Creating a sitemap manually
You may choose to create a sitemap manually in editors like Windows NotePad, TextEdit, or Visual Studio Code.
That way, you can customize it to your liking, but I recommend it for only small websites with fewer pages. With larger websites and hundreds of pages, this process would be very time-consuming and prone to error.
Creating a sitemap automatically
With a larger website with hundreds of pages, it’s recommended to create a sitemap automatically. It can be generated by using:
- Native features of CMS or eCommerce platforms,
- Added plugins,
- Third-party tools.
Sitemaps generated by CMS or eCommerce platforms
You can find your generated sitemap in the root directory of your website.
Sitemaps generated by plugins
If you are using a CMS like WordPress, you may need a plugin to generate a sitemap. I recommend using Yoast SEO, as this extension makes the process easy and comes with many more SEO features.
Static vs. Dynamic sitemap
A sitemap can be generated statically or dynamically.
A static sitemap is a snapshot of your website’s indexable content taken when the sitemap was generated. You can use a crawler, for example, Screaming Frog, to easily create a static sitemap.
The downside is that static sitemaps have to be updated every time a change occurs to your website. Therefore, if you add or remove pages regularly, a static XML sitemap will soon become obsolete and not serve its purpose.
A dynamic sitemap is created each time it’s requested. It means that it stays up to date and reflects the current state of your website.
Dynamic sitemaps are beneficial if your content is frequently changing.

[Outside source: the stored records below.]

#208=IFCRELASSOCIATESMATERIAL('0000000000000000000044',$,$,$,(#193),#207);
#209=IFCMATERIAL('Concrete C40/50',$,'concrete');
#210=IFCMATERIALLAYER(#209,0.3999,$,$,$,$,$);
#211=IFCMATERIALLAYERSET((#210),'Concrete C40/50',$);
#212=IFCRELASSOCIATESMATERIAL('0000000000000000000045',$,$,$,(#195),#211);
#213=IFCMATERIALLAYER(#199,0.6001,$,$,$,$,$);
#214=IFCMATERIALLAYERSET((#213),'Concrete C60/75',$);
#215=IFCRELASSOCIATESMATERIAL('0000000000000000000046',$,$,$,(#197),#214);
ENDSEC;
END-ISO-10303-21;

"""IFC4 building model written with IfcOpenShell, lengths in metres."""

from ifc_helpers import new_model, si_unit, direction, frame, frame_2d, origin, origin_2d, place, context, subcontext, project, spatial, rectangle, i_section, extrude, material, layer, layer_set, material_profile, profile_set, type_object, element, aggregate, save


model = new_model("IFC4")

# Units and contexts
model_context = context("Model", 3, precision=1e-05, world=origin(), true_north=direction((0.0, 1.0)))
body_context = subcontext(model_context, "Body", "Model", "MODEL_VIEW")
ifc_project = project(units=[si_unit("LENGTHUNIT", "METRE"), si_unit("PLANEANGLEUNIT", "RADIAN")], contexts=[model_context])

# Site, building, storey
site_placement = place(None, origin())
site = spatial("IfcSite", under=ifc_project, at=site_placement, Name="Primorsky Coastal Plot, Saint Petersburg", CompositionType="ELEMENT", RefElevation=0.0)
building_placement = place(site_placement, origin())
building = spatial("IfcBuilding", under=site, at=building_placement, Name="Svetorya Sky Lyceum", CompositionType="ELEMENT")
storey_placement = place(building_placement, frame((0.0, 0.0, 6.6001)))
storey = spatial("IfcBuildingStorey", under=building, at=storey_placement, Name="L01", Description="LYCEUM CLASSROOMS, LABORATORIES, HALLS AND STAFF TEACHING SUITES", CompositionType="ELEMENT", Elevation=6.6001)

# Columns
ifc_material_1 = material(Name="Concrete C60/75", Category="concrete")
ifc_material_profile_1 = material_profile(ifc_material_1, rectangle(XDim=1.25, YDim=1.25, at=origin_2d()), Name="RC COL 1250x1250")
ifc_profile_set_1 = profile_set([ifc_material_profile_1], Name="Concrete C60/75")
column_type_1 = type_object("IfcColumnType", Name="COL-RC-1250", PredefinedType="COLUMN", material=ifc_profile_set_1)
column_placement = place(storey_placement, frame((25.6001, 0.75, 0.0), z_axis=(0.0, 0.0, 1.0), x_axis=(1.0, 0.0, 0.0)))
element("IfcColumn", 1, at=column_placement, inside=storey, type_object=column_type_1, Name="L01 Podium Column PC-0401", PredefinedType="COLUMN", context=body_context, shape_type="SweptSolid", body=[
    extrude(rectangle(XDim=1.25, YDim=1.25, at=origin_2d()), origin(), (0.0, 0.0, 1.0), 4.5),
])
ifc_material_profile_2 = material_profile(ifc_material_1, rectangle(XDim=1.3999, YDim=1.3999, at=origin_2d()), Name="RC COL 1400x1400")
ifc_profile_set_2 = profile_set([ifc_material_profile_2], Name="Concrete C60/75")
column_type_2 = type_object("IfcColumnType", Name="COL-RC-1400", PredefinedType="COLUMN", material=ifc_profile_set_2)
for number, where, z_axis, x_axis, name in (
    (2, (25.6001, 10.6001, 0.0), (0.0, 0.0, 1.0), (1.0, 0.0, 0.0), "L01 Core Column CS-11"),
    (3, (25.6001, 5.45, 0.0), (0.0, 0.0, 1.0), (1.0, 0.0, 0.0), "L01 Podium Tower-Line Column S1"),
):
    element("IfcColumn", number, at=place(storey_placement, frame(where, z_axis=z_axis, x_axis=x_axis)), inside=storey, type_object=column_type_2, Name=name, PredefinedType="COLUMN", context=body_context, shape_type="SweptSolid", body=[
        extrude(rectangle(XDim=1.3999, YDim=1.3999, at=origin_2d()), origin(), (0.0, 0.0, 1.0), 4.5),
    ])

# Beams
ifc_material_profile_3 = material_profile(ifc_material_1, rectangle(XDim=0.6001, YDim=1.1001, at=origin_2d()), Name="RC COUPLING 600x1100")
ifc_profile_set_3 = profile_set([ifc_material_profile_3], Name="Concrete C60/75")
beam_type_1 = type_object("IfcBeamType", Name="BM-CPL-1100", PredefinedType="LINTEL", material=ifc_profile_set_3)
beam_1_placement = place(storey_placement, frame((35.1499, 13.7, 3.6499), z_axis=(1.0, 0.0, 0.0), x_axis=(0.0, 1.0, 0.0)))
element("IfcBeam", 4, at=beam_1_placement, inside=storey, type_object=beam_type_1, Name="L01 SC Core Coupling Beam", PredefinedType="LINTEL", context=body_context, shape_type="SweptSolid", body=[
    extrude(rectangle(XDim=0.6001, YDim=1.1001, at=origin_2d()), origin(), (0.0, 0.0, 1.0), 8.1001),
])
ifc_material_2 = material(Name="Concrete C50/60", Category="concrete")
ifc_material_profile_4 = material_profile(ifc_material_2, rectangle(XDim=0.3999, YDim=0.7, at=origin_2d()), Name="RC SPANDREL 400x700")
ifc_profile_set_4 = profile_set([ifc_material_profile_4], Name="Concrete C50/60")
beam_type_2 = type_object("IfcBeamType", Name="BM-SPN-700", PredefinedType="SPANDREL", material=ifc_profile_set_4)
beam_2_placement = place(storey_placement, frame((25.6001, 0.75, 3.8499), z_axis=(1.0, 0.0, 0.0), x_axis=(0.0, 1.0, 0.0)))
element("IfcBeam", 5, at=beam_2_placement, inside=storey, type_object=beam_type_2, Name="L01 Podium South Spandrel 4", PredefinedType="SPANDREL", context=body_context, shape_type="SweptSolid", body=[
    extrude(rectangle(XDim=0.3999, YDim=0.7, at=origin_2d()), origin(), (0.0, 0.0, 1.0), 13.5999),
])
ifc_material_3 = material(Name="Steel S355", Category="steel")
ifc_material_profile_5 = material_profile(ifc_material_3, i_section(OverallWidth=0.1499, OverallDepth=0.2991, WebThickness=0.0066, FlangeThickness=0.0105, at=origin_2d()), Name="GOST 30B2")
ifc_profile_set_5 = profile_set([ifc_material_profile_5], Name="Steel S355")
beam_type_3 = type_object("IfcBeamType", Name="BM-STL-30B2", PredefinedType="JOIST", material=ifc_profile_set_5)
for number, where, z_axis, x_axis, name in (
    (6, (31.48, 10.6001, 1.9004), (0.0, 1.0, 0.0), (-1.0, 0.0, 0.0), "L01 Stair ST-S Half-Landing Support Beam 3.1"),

An example can be an eCommerce website where the products are going in and out of stock frequently.
To create a dynamic sitemap, you might need the help of developers or use plugins that offer this option.
Submitting the sitemap to search engines
You can ping search engines and let them know you have a new sitemap or made some changes to the previous one.
Google doesn’t check a sitemap every time a site is crawled; a sitemap is checked only the first time that we notice it, and thereafter only when you ping us to let us know that it’s changed. Alert Google about a sitemap only when it’s new or updated; don’t submit or ping unchanged sitemaps multiple times.source: Google
Submitting the sitemap to Google Search Console
Log into your Google Search Console account. Then, go to Index > Sitemaps in the sidebar.
Fill in your sitemap’s URL into the field and click ‘Submit.’
Google Search Console will let you know if there are any errors within your sitemap.
Submitting the sitemap to Bing Webmaster Tools
If you’re already verified in Google Search Console, this step is a cakewalk. Go to Bing Webmaster Tools and import your data.
If you haven’t verified in Google Search Console yet, you can navigate to the “Sitemaps” on the sidebar. And then click on the “Submit Sitemap” button on top of the page.
Since Yahoo and Bing have merged, adding a sitemap to Bing Webmaster Tools also ensures it’s submitted to Yahoo.
Submitting the sitemap to Yandex.Webmaster
To submit a sitemap to Yandex, you should:
- Go to Yandex Passport and Log in.
- Go to the “Sitemap files” section.
- Type in the address of the XML Sitemap.
- Click the “Add” button.
- Make sure your sitemap doesn’t have more than 50,000 URLs. If you have more than that, break it into smaller sitemaps,
- Include only indexable pages,
- Reference the sitemap in your robots.txt file,
- Use consistent, complete URLs – check if you’re not missing www or HTTP/HTTPS protocol from URLs,
- If you have additional media content (images, videos, news), use sitemap extensions,
- If you have different language versions, you can specify them in your sitemap, but also use the hreflang tag in your HTML,
- Don’t focus too much on changefreq and priority tags, as search engines don’t always consider them.